Publication and cover on Nature Photonics for an article by P. Berto, G. Tessier (researchers of the Institut de la Vision) and his colleagues from Barcelona and Paris.

Credits for the cover picture to Clément Molinier.


Manipulating light with an electronic device or a computer is not as easy as it seems, particularly at small scales or in confined spaces. Building an adjustable zoom lens in a mm-thick cell phone, in a miniaturized microscope, or at the distal end of a medical endoscope requires complex lenses that can handle the full optical spectrum and be reshaped electrically within milliseconds.

In “tunable and free-form planar optics”, P. Berto and his colleagues from Barcelona and Paris demonstrate an adjustable technique to manipulate light without any mechanical movement, which they called Smartlenses.
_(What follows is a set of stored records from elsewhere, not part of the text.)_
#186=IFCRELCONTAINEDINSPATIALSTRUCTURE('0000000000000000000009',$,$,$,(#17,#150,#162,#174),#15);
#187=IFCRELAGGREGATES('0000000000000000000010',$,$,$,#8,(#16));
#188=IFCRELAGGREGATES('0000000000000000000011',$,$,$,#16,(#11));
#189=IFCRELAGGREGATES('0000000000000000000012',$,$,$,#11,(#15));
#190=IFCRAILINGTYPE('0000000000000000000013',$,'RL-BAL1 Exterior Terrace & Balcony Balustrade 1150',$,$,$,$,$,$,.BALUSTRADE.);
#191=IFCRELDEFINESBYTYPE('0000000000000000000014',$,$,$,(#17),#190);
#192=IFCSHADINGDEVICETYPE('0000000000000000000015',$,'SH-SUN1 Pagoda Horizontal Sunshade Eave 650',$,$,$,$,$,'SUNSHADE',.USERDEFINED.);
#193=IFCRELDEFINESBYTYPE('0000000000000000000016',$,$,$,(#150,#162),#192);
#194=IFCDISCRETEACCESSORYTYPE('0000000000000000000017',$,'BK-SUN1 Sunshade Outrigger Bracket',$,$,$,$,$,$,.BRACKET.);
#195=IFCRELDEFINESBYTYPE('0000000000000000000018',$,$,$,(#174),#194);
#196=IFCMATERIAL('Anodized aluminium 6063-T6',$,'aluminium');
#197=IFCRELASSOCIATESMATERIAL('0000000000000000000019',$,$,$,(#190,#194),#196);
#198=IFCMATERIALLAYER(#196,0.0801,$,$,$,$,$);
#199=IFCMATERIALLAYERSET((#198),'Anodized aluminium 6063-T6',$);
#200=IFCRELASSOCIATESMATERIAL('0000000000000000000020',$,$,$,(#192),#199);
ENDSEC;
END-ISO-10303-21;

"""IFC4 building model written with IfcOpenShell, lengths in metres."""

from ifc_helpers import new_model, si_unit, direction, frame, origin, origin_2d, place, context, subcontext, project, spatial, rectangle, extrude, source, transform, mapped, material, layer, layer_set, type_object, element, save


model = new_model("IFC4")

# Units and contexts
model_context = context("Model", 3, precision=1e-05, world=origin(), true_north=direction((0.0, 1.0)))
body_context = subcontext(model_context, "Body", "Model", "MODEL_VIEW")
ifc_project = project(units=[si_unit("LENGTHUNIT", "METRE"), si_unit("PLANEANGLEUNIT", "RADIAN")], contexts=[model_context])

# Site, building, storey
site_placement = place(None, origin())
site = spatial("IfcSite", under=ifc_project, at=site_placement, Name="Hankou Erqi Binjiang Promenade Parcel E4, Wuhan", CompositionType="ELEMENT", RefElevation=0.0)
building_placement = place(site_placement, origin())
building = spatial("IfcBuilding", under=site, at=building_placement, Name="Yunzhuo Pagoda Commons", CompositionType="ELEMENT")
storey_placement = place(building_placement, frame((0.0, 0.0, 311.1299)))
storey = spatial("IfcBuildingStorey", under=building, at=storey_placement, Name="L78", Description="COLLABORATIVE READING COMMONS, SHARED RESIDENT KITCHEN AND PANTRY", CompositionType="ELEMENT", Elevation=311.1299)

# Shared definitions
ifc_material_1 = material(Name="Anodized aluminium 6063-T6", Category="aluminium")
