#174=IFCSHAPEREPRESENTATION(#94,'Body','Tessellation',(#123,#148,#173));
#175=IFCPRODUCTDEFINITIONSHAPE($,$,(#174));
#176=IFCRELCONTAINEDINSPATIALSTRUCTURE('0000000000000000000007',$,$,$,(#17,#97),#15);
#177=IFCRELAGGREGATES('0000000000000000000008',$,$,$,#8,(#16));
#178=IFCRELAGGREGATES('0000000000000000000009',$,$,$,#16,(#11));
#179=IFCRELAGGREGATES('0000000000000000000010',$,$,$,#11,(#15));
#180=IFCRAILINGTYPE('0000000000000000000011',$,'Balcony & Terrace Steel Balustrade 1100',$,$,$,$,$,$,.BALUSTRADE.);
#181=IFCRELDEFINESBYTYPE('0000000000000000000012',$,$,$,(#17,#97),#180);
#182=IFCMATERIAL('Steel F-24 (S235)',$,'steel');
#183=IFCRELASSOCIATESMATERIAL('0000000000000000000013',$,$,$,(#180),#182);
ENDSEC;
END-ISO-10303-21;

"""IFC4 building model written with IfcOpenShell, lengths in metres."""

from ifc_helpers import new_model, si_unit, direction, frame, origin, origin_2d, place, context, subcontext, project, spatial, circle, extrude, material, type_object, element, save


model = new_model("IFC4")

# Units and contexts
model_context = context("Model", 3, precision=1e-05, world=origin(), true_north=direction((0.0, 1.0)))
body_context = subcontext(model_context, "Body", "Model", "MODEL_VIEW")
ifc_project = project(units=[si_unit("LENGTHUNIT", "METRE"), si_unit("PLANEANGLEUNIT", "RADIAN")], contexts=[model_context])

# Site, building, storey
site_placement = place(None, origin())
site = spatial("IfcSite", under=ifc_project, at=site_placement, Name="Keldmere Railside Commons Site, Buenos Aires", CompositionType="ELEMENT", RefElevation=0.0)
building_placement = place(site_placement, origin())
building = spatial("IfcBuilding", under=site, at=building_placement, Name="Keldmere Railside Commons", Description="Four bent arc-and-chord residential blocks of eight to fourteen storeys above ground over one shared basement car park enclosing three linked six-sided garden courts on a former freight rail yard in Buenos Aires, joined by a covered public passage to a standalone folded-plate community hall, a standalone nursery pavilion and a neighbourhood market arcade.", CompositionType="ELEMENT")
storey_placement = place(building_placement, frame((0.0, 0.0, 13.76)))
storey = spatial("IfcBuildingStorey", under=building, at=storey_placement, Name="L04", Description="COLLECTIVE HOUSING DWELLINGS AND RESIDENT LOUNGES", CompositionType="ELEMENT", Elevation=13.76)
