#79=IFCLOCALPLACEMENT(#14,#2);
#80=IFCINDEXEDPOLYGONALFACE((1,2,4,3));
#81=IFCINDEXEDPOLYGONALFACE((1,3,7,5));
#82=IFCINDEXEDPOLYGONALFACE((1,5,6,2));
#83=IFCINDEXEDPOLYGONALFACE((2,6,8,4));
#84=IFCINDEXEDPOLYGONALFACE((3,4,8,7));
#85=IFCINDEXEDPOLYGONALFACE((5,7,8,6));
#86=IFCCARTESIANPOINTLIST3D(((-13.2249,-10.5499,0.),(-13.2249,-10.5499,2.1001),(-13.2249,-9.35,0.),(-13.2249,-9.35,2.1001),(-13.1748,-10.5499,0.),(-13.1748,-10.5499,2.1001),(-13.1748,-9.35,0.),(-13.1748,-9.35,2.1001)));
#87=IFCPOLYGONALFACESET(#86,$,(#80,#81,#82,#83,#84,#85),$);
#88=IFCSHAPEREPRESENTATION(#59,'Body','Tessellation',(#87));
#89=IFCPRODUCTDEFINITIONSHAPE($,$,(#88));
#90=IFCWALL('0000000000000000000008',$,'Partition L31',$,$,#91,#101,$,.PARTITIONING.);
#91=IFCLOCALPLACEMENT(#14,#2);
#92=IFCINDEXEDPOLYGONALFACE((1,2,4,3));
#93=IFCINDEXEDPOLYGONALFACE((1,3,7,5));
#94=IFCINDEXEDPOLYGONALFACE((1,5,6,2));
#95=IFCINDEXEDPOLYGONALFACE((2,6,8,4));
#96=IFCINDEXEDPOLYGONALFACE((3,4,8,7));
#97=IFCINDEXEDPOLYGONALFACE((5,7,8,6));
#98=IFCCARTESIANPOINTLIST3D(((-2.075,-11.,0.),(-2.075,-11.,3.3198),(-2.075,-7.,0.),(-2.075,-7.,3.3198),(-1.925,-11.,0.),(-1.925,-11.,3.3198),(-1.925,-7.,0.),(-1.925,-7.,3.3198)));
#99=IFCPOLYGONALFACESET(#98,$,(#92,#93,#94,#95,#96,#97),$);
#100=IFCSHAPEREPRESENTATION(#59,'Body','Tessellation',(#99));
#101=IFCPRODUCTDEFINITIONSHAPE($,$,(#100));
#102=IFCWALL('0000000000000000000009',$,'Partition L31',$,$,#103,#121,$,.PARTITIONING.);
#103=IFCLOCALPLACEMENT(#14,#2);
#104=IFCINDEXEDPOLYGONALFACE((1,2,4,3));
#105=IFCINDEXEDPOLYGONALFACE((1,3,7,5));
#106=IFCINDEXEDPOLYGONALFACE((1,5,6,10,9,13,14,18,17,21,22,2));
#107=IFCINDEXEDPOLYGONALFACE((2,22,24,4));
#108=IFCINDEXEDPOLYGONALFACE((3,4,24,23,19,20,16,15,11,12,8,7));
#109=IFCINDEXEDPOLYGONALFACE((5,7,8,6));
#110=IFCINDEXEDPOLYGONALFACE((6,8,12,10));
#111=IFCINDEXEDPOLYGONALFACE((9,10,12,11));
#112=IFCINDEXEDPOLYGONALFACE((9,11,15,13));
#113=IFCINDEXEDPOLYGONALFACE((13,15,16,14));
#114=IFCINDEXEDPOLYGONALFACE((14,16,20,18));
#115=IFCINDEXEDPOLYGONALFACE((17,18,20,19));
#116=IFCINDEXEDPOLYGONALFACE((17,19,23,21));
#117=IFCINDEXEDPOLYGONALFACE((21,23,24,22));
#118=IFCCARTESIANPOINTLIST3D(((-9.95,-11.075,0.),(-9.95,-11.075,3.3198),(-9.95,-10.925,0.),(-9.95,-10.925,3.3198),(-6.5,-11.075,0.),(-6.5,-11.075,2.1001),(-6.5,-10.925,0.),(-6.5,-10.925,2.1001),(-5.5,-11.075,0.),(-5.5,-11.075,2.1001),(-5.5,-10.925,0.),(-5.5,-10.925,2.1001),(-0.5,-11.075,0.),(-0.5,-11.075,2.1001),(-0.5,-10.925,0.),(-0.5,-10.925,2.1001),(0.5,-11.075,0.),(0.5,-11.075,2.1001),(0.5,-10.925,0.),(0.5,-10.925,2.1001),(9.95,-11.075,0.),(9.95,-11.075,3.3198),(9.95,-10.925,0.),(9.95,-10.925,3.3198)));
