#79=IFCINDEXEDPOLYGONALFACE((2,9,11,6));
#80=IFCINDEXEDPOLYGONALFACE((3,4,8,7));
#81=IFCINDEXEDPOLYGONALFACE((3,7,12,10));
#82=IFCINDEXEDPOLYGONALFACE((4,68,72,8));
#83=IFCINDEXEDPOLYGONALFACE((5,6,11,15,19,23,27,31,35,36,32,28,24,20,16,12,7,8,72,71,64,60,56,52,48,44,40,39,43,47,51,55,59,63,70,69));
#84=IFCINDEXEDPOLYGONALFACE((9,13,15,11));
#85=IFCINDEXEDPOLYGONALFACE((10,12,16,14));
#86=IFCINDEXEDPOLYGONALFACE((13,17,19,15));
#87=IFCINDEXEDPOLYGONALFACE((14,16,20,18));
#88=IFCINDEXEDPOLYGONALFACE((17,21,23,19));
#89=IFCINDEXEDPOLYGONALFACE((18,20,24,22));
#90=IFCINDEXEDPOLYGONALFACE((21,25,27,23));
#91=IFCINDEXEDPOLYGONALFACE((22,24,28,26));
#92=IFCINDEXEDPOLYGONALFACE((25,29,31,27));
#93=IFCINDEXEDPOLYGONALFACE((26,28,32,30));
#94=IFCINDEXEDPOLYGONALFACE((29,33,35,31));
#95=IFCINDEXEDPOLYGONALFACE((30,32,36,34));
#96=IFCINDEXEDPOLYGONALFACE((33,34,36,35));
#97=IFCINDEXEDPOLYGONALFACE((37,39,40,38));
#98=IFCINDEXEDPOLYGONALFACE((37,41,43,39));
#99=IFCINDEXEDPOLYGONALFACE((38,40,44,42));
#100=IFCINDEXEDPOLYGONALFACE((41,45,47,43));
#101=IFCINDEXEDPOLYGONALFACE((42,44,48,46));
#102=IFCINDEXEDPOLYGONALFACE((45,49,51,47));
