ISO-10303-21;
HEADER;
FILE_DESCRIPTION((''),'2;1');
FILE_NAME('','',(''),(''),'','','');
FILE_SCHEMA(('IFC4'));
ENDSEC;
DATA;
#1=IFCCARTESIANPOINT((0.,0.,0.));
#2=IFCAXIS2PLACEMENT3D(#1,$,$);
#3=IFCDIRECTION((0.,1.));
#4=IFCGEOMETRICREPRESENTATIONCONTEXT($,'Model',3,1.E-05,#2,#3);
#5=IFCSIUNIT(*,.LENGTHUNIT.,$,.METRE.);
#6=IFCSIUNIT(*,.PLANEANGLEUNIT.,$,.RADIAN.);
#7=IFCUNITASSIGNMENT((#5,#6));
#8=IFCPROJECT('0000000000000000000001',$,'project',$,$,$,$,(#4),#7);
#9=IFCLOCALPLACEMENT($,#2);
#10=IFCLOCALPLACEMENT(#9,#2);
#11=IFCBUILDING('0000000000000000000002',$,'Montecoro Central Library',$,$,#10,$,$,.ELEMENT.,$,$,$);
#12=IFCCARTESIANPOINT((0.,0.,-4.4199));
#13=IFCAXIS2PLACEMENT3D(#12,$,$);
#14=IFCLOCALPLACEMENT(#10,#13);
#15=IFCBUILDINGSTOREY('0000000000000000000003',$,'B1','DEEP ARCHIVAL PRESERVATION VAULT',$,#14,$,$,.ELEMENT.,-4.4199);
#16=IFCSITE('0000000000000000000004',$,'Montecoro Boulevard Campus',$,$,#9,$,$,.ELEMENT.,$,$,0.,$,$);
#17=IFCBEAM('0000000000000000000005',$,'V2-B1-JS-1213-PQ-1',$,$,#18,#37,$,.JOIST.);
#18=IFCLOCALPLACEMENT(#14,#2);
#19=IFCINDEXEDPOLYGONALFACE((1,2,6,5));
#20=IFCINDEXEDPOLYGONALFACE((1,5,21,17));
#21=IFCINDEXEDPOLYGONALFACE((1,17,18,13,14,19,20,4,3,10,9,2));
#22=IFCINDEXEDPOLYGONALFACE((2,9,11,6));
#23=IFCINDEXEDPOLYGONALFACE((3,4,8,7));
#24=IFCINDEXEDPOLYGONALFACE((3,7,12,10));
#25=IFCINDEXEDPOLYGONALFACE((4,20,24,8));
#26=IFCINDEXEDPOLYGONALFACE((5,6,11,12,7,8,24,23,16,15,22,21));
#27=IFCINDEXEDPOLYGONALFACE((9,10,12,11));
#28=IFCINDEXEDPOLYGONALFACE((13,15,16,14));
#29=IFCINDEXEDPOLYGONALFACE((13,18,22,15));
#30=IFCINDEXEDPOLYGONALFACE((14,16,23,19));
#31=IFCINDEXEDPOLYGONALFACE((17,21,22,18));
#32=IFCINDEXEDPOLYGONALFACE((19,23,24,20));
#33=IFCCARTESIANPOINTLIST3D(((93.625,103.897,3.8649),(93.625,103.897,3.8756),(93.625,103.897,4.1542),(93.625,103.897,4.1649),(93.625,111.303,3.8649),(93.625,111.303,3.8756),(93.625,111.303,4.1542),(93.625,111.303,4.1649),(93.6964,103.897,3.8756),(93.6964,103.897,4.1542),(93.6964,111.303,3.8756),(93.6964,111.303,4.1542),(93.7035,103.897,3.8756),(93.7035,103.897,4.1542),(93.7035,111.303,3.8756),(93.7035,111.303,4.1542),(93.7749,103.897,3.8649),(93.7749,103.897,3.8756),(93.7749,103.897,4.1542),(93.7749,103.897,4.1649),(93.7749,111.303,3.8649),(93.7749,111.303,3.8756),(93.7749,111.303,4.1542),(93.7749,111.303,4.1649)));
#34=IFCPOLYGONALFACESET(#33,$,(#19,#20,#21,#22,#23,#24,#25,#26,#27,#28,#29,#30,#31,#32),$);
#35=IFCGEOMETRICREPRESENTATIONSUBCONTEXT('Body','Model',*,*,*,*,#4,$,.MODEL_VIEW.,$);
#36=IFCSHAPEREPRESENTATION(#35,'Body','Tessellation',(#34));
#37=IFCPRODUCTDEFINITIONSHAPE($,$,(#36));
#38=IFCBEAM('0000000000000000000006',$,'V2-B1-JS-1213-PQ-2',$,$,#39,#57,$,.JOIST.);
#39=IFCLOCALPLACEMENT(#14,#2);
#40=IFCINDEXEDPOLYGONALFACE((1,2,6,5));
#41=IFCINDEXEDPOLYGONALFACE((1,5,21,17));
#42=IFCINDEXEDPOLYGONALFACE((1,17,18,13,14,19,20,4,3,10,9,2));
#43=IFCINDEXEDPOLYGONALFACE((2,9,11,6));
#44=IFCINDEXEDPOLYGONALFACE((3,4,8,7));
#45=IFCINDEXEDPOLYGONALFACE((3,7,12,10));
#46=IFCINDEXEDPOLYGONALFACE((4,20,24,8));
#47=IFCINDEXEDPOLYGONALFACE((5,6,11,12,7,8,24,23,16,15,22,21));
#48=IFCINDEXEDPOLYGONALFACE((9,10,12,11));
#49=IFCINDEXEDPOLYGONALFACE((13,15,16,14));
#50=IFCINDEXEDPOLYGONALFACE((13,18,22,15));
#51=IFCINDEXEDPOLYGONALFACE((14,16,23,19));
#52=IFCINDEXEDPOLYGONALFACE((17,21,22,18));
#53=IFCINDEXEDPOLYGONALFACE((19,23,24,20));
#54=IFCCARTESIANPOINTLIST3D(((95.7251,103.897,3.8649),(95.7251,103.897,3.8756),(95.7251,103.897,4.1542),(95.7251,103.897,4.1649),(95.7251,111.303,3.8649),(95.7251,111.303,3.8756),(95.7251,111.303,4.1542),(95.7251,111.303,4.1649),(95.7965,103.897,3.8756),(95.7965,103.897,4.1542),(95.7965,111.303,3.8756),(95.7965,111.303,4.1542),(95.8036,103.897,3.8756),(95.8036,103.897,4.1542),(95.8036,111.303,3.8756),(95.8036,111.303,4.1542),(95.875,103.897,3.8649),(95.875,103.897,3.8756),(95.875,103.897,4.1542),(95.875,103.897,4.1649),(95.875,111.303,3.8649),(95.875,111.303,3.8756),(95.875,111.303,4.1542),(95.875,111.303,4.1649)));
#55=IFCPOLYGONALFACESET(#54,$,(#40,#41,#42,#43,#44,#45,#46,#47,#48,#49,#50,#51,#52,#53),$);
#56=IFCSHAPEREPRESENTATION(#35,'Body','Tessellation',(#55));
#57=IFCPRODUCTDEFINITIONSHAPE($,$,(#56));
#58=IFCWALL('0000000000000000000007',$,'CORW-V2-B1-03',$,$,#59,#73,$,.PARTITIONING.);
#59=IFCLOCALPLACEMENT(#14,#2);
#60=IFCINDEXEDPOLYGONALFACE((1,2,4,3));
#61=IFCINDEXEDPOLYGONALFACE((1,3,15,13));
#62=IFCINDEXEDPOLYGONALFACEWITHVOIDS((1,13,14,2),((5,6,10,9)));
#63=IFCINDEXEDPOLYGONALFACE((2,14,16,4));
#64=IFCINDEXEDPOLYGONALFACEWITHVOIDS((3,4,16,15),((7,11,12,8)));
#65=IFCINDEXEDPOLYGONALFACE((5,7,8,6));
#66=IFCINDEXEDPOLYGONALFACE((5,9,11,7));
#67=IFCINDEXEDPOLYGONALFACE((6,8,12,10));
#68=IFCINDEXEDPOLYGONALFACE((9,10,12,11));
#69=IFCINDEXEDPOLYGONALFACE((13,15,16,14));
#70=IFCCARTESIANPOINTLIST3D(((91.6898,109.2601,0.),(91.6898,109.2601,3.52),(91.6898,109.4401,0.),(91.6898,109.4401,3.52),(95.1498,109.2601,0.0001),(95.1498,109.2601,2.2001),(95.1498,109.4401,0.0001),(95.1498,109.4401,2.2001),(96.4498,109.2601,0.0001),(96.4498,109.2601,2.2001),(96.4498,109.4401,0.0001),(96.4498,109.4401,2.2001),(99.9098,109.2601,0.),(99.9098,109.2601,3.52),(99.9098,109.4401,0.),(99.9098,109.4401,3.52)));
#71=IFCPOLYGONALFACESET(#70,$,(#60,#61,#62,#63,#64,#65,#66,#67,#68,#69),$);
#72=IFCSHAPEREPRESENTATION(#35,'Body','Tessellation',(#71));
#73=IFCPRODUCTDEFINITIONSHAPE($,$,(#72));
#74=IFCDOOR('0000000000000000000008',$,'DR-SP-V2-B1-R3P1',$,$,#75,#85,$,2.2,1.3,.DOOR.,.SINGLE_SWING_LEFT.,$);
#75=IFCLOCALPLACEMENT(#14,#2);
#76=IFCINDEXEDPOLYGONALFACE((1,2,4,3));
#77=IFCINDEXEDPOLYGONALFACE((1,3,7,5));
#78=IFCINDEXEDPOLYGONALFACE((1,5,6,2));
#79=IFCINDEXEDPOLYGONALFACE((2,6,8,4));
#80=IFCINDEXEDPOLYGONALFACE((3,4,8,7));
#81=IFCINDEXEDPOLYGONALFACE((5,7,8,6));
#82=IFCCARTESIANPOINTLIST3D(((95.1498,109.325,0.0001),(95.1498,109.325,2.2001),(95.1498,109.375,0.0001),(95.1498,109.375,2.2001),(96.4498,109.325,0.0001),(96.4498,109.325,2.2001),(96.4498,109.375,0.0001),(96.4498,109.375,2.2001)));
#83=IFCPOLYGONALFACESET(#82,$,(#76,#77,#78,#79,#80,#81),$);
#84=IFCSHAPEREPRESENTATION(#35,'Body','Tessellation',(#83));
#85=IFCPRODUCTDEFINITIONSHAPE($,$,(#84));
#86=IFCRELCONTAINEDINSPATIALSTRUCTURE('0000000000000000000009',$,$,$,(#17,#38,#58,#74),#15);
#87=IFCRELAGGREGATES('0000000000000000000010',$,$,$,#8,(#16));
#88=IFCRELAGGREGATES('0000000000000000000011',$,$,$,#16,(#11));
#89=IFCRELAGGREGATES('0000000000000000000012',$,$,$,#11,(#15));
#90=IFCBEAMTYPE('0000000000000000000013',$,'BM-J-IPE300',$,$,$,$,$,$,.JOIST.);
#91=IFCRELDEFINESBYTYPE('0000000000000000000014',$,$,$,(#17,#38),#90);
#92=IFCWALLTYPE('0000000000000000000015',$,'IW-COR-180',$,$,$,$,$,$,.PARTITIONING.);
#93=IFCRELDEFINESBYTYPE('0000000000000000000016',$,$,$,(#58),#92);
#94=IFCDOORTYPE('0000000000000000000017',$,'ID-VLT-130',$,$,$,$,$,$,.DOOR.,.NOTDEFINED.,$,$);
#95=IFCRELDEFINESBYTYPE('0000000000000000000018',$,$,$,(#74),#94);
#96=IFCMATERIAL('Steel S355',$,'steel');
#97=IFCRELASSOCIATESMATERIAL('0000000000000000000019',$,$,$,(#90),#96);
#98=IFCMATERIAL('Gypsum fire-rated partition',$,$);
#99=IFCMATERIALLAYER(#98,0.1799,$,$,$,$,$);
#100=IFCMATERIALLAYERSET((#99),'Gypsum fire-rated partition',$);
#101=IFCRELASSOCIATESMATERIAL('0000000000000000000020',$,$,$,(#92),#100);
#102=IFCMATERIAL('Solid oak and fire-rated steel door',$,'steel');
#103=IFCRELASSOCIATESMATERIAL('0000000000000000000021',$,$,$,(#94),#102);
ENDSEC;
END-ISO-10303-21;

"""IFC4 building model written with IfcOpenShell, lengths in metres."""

from ifc_helpers import new_model, si_unit, direction, frame, frame_2d, origin, origin_2d, place, context, subcontext, project, spatial, rectangle, i_section, extrude, material, layer, layer_set, material_profile, profile_set, type_object, element, fill, save


model = new_model("IFC4")

# Units and contexts
model_context = context("Model", 3, precision=1e-05, world=origin(), true_north=direction((0.0, 1.0)))
body_context = subcontext(model_context, "Body", "Model", "MODEL_VIEW")
ifc_project = project(units=[si_unit("LENGTHUNIT", "METRE"), si_unit("PLANEANGLEUNIT", "RADIAN")], contexts=[model_context])

# Site, building, storey
site_placement = place(None, origin())
site = spatial("IfcSite", under=ifc_project, at=site_placement, Name="Montecoro Boulevard Campus", CompositionType="ELEMENT", RefElevation=0.0)
building_placement = place(site_placement, origin())
building = spatial("IfcBuilding", under=site, at=building_placement, Name="Montecoro Central Library", CompositionType="ELEMENT")
storey_placement = place(building_placement, frame((0.0, 0.0, -4.4199)))
storey = spatial("IfcBuildingStorey", under=building, at=storey_placement, Name="B1", Description="DEEP ARCHIVAL PRESERVATION VAULT", CompositionType="ELEMENT", Elevation=-4.4199)

# Beams
ifc_material_1 = material(Name="Steel S355", Category="steel")
ifc_material_profile_1 = material_profile(ifc_material_1, i_section(OverallWidth=0.1499, OverallDepth=0.3, WebThickness=0.0071, FlangeThickness=0.0107, at=origin_2d()), Name="IPE 300")
ifc_profile_set_1 = profile_set([ifc_material_profile_1], Name="Steel S355")
beam_type_1 = type_object("IfcBeamType", Name="BM-J-IPE300", PredefinedType="JOIST", material=ifc_profile_set_1)
for number, where, z_axis, x_axis, name in (
    (1, (93.7, 103.897, 4.0149), (0.0, 1.0, 0.0), (-1.0, 0.0, 0.0), "V2-B1-JS-1213-PQ-1"),
    (2, (95.8, 103.897, 4.0149), (0.0, 1.0, 0.0), (-1.0, 0.0, 0.0), "V2-B1-JS-1213-PQ-2"),
):
    element("IfcBeam", number, at=place(storey_placement, frame(where, z_axis=z_axis, x_axis=x_axis)), inside=storey, type_object=beam_type_1, Name=name, PredefinedType="JOIST", context=body_context, shape_type="SweptSolid", body=[
        extrude(i_section(OverallWidth=0.1499, OverallDepth=0.3, WebThickness=0.0071, FlangeThickness=0.0107, at=origin_2d()), origin(), (0.0, 0.0, 1.0), 7.406),
    ])

# Wall, opening, door
ifc_material_2 = material(Name="Gypsum fire-rated partition")
ifc_layer = layer(ifc_material_2, 0.1799)
ifc_layer_set = layer_set([ifc_layer], Name="Gypsum fire-rated partition")
wall_type = type_object("IfcWallType", Name="IW-COR-180", PredefinedType="PARTITIONING", material=ifc_layer_set)
wall_placement = place(storey_placement, frame((91.6899, 109.3501, 0.0), z_axis=(0.0, 0.0, 1.0), x_axis=(1.0, 0.0, 0.0)))
wall = element("IfcWall", 3, at=wall_placement, inside=storey, type_object=wall_type, Name="CORW-V2-B1-03", PredefinedType="PARTITIONING", context=body_context, shape_type="SweptSolid", body=[
    extrude(rectangle(XDim=8.22, YDim=0.1799, at=frame_2d((4.1099, 0.0))), origin(), (0.0, 0.0, 1.0), 3.52),
])
opening_placement = place(wall_placement, frame((3.46, 0.0, 0.0)))
opening = element("IfcOpeningElement", 4, at=opening_placement, cuts=wall, PredefinedType="OPENING", context=body_context, shape_type="SweptSolid", body=[
    extrude(rectangle(XDim=1.3, YDim=2.2, at=frame_2d((0.6499, 1.1001))), frame((0.0, 0.0999, 0.0), z_axis=(0.0, -1.0, 0.0), x_axis=(1.0, 0.0, 0.0)), (0.0, 0.0, 1.0), 0.2),
])
ifc_material_3 = material(Name="Solid oak and fire-rated steel door", Category="steel")
door_type = type_object("IfcDoorType", Name="ID-VLT-130", OperationType="NOTDEFINED", PredefinedType="DOOR", material=ifc_material_3)
door_placement = place(opening_placement, origin())
door = element("IfcDoor", 5, at=door_placement, inside=storey, type_object=door_type, Name="DR-SP-V2-B1-R3P1", OperationType="SINGLE_SWING_LEFT", OverallHeight=2.2, OverallWidth=1.3, PredefinedType="DOOR", context=body_context, shape_type="SweptSolid", body=[
    extrude(rectangle(XDim=1.3, YDim=2.2, at=frame_2d((0.6499, 1.1001))), frame((0.0, 0.0249, 0.0), z_axis=(0.0, -1.0, 0.0), x_axis=(1.0, 0.0, 0.0)), (0.0, 0.0, 1.0), 0.05),
])
fill(opening, door)

save(model, "model.ifc")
As a current is passed through a well-optimized micrometer-scale resistor, the heating locally changes the optical properties of the transparent polymer plate holding the resistor. In much the same way as a mirage bends light passing through hot air to show distant lakes, this microscale hot region is able to deviate light. Within milliseconds, a simple slab of polymer can be turned into a lens and back: small, micrometer-scale smartlenses heat up and cool down quickly and with minimal power consumption. They can even be fabricated in arrays, and the authors show that several objects located at very different distances can be brought into focus within the same image by activating the Smartlenses located in front of each of them, even if the scene is in colours.

By modelling the diffusion of heat and the propagation of light, the authors show that complex optical devices can be optimized using algorithms inspired by the laws of natural selection to go way beyond simple lenses: a properly engineered resistor can deviate light in a chosen direction, while another will bend it into a ring, or other specific shapes. If the right resistor is imprinted on it, a piece of polymer could be activated or deactivated at will to generate a given “freeform” and correct specific defects in our eyesight, or the aberrations of an optical instrument. Most importantly, once the thermal and optical calculations are done, imprinting masses of transparent resistors on polymers can be done at very small costs, for high-end technological systems as well as simple consumer-oriented imaging devices.